Location and Magnitude


Right Ascension: 3:41:2.8
Declination: -22:43:9
Constellation: ERI
Visual Magnitude: 12.9

Historic Information


Discoverer: Muller
Year of discovery: 1886
Discovery aperture: 26.3

Observational


Summary description: eF, S, R, * 8.6 n 2'
Sub-type: E1

Corwin's Notes

===== NGC 1416 has suffered a bit in the literature. It was discovered by Frank Muller at Leander McCormick before he and his fellow observers there were measuring good positions for the nebulae they were finding, so it has an NGC declination that is about 3.5 arcmin off. In addition, the two bright stars just south are described as "* 8.7, nr; * 8.6, n 2'". The actual place of the "* 8.6" is south by 3.5 arcmin, while the "* 8.7" is 1.5 arcmin south. This apparently confused Herbert Howe, too. He wrote in his second MN paper, "Muller gave this nebula as 2' north [sic] of a star of mag. 8.6. It is really south [sic] of the star. There is another star of equal mag. about 5' south of the star mentioned.
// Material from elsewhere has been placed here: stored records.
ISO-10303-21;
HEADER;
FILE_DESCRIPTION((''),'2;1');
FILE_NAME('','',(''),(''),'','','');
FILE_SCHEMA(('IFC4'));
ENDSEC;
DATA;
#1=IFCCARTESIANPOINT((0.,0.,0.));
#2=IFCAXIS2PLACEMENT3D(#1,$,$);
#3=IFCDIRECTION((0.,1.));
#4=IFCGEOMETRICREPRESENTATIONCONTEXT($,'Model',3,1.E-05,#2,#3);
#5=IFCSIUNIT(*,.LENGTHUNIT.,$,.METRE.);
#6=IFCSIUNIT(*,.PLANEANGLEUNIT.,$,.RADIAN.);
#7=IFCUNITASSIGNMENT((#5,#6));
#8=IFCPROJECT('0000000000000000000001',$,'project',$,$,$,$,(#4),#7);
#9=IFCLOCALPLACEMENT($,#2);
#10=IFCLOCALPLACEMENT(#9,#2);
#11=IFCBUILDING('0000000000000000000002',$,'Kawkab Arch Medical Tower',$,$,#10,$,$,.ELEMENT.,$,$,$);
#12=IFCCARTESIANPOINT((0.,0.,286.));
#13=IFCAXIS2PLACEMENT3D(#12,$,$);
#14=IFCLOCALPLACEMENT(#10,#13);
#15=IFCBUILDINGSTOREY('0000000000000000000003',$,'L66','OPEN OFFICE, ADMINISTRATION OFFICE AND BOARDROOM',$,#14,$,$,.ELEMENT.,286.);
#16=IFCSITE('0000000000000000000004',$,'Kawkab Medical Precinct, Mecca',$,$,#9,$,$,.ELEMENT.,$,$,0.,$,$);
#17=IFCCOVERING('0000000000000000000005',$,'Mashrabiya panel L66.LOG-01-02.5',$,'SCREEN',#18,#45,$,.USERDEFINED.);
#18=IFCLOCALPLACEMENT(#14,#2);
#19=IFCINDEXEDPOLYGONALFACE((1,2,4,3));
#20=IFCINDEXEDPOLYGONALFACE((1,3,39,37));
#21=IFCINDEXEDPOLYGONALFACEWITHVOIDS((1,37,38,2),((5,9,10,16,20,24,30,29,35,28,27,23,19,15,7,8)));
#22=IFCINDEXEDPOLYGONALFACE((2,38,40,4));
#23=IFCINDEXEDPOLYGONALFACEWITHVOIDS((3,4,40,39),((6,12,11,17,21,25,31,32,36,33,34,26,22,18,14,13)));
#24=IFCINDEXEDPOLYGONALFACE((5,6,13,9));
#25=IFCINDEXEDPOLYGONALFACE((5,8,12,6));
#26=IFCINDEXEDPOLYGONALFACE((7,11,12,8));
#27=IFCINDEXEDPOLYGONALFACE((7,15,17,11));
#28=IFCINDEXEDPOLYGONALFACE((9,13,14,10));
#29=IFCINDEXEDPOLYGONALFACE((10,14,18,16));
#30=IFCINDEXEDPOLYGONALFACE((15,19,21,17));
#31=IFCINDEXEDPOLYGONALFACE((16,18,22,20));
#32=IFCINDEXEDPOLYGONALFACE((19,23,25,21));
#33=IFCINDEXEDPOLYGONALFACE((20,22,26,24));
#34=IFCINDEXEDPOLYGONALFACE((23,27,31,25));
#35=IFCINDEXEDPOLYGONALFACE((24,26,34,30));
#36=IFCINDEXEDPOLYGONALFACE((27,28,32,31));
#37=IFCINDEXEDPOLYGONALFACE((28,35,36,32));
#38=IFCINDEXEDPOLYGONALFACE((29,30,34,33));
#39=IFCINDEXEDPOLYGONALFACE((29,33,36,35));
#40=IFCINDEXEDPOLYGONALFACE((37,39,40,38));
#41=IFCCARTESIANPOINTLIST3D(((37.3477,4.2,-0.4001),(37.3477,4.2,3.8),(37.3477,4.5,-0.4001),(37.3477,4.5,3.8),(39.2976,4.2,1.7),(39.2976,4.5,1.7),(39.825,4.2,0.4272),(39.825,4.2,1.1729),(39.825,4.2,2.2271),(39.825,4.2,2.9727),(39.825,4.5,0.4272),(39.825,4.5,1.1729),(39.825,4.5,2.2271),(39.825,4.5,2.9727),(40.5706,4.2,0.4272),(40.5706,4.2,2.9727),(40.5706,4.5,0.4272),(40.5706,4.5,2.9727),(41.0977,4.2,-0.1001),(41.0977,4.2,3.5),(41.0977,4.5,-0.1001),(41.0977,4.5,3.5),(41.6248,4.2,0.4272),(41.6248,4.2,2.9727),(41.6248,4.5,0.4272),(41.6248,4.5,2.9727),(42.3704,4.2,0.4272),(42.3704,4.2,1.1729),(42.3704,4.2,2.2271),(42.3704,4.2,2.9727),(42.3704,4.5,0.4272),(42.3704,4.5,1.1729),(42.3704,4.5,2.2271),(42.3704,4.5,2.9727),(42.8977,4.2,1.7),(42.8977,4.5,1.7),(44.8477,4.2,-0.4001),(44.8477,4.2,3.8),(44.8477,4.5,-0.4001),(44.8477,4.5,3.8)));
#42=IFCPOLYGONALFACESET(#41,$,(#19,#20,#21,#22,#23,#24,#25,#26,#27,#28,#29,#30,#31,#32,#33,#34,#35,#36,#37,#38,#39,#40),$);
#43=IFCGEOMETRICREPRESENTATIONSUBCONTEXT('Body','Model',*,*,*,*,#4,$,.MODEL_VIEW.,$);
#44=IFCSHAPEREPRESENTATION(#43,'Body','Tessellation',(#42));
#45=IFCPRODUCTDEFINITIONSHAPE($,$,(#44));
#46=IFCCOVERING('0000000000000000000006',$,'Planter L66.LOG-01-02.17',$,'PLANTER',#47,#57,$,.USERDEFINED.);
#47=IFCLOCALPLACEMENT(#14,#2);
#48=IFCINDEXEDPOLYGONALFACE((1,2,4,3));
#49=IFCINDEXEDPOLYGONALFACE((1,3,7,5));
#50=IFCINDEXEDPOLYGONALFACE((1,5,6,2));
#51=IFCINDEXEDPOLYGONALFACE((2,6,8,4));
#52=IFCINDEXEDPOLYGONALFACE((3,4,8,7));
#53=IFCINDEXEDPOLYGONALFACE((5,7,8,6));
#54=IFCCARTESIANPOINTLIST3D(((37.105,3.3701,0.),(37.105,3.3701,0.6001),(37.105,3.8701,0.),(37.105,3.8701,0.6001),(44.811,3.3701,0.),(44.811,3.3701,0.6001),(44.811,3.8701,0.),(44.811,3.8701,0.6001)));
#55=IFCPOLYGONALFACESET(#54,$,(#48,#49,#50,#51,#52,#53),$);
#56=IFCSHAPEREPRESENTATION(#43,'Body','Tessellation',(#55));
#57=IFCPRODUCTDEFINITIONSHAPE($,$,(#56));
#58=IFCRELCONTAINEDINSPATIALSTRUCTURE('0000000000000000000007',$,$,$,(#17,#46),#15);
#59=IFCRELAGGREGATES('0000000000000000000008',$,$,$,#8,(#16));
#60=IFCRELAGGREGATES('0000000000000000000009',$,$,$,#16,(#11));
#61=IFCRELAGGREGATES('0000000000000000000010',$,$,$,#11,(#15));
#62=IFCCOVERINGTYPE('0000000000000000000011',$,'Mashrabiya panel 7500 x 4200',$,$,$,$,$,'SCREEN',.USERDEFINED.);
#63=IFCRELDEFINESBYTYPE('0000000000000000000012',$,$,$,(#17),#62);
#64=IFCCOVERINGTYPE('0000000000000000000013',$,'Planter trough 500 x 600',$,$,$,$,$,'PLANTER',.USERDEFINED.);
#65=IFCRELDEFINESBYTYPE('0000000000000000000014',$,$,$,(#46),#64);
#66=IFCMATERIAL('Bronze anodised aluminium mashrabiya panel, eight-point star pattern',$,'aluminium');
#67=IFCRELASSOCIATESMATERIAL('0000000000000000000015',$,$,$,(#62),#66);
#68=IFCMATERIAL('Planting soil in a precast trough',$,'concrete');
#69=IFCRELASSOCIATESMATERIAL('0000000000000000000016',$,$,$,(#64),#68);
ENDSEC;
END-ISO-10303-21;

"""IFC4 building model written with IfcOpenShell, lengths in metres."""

from ifc_helpers import new_model, si_unit, direction, frame, origin, origin_2d, place, context, subcontext, project, spatial, polyline, rectangle, outline, extrude, material, material_profile, profile_set, type_object, element, save


model = new_model("IFC4")

# Units and contexts
model_context = context("Model", 3, precision=1e-05, world=origin(), true_north=direction((0.0, 1.0)))
body_context = subcontext(model_context, "Body", "Model", "MODEL_VIEW")
ifc_project = project(units=[si_unit("LENGTHUNIT", "METRE"), si_unit("PLANEANGLEUNIT", "RADIAN")], contexts=[model_context])

# Site, building, storey
site_placement = place(None, origin())
site = spatial("IfcSite", under=ifc_project, at=site_placement, Name="Kawkab Medical Precinct, Mecca", CompositionType="ELEMENT", RefElevation=0.0)
building_placement = place(site_placement, origin())
building = spatial("IfcBuilding", under=site, at=building_placement, Name="Kawkab Arch Medical Tower", CompositionType="ELEMENT")
storey_placement = place(building_placement, frame((0.0, 0.0, 286.0)))
storey = spatial("IfcBuildingStorey", under=building, at=storey_placement, Name="L66", Description="OPEN OFFICE, ADMINISTRATION OFFICE AND BOARDROOM", CompositionType="ELEMENT", Elevation=286.0)

# Coverings
ifc_material_1 = material(Name="Bronze anodised aluminium mashrabiya panel, eight-point star pattern", Category="aluminium")
ifc_material_profile_1 = material_profile(ifc_material_1, outline(polyline([(-3.75, -2.1001), (3.75, -2.1001), (3.75, 2.1001), (-3.75, 2.1001), (-3.75, -2.1001)]), holes=[polyline([(1.8, 0.0), (1.2727, 0.5271), (1.2727, 1.2727), (0.5271, 1.2727), (0.0, 1.8), (-0.5271, 1.2727), (-1.2727, 1.2727), (-1.2727, 0.5271), (-1.8, 0.0), (-1.2727, -0.5271), (-1.2727, -1.2727), (-0.5271, -1.2727), (0.0, -1.8), (0.5271, -1.2727), (1.2727, -1.2727), (1.2727, -0.5271), (1.8, 0.0)])]), Name="Mashrabiya panel 7500x4200")
ifc_profile_set_1 = profile_set([ifc_material_profile_1], Name="Bronze anodised aluminium mashrabiya panel, eight-point star pattern")
covering_type_1 = type_object("IfcCoveringType", Name="Mashrabiya panel 7500 x 4200", ElementType="SCREEN", PredefinedType="USERDEFINED", material=ifc_profile_set_1)
covering_1_placement = place(storey_placement, frame((41.0977, 4.2, 1.7), z_axis=(0.0, 1.0, 0.0), x_axis=(-1.0, 0.0, 0.0)))
element("IfcCovering", 1, at=covering_1_placement, inside=storey, type_object=covering_type_1, Name="Mashrabiya panel L66.LOG-01-02.5", ObjectType="SCREEN", PredefinedType="USERDEFINED", context=body_context, shape_type="SweptSolid", body=[
    extrude(outline(polyline([(-3.75, -2.1001), (3.75, -2.1001), (3.75, 2.1001), (-3.75, 2.1001), (-3.75, -2.1001)]), holes=[polyline([(1.8, 0.0), (1.2727, 0.5271), (1.2727, 1.2727), (0.5271, 1.2727), (0.0, 1.8), (-0.5271, 1.2727), (-1.2727, 1.2727), (-1.2727, 0.5271), (-1.8, 0.0), (-1.2727, -0.5271), (-1.2727, -1.2727), (-0.5271, -1.2727), (0.0, -1.8), (0.5271, -1.2727), (1.2727, -1.2727), (1.2727, -0.5271), (1.8, 0.0)])]), origin(), (0.0, 0.0, 1.0), 0.3),
])
ifc_material_2 = material(Name="Planting soil in a precast trough", Category="concrete")
ifc_material_profile_2 = material_profile(ifc_material_2, rectangle(XDim=0.5, YDim=0.6001, at=origin_2d()), Name="Trough 500x600")
ifc_profile_set_2 = profile_set([ifc_material_profile_2], Name="Planting soil in a precast trough")
covering_type_2 = type_object("IfcCoveringType", Name="Planter trough 500 x 600", ElementType="PLANTER", PredefinedType="USERDEFINED", material=ifc_profile_set_2)
covering_2_placement = place(storey_placement, frame((37.105, 3.6201, 0.3), z_axis=(1.0, 0.0, 0.0), x_axis=(0.0, 1.0, 0.0)))
element("IfcCovering", 2, at=covering_2_placement, inside=storey, type_object=covering_type_2, Name="Planter L66.LOG-01-02.17", ObjectType="PLANTER", PredefinedType="USERDEFINED", context=body_context, shape_type="SweptSolid", body=[
    extrude(rectangle(XDim=0.5, YDim=0.6001, at=origin_2d()), origin(), (0.0, 0.0, 1.0), 7.7061),
])

save(model, "model.ifc")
The position of the nebula is 03 36 41, -23 02.4 [1900.0]." What Howe should have said is "Muller gave this nebula as 2' south of a star of mag. 8.6. It is really north of the star. ..." Still, he did get the galaxy's position right, assuming that this really is the one that Muller saw. Dreyer copied Howe's corrected declination into a note for IC2. Carlson had this to say in 1940 about the object: "NGC correct, W" where the "W" is the source of the note, a Mt. Wilson photograph. She has a footnote on the object that reads "Howe's correction (D III) to NGC not confirmed" ("D III" refers to Dreyer's Notes in IC2). Unfortunately, she is wrong as the NGC declination lands between the two bright stars; Howe is right. So, nobody has got it completely right. This leads me to question Howe's identification, which is the usual one adopted by every catalogue since that includes the galaxy. However, there is no other galaxy in the area that has two bright stars close to it. So, this is most likely Muller's object.

Steve's Notes

===== NGC 1416 17.5" (11/2/91): faint, small, round, weak concentration. Located almost on line with mag 9.2 SAO 168733 1.5' SSW and mag 9.3 SAO 168734 3.7' S. A mag 13.5 star is 1' SE. Forms a pair with NGC 1415 9' N. Slightly misplotted 5' too far south on U2000.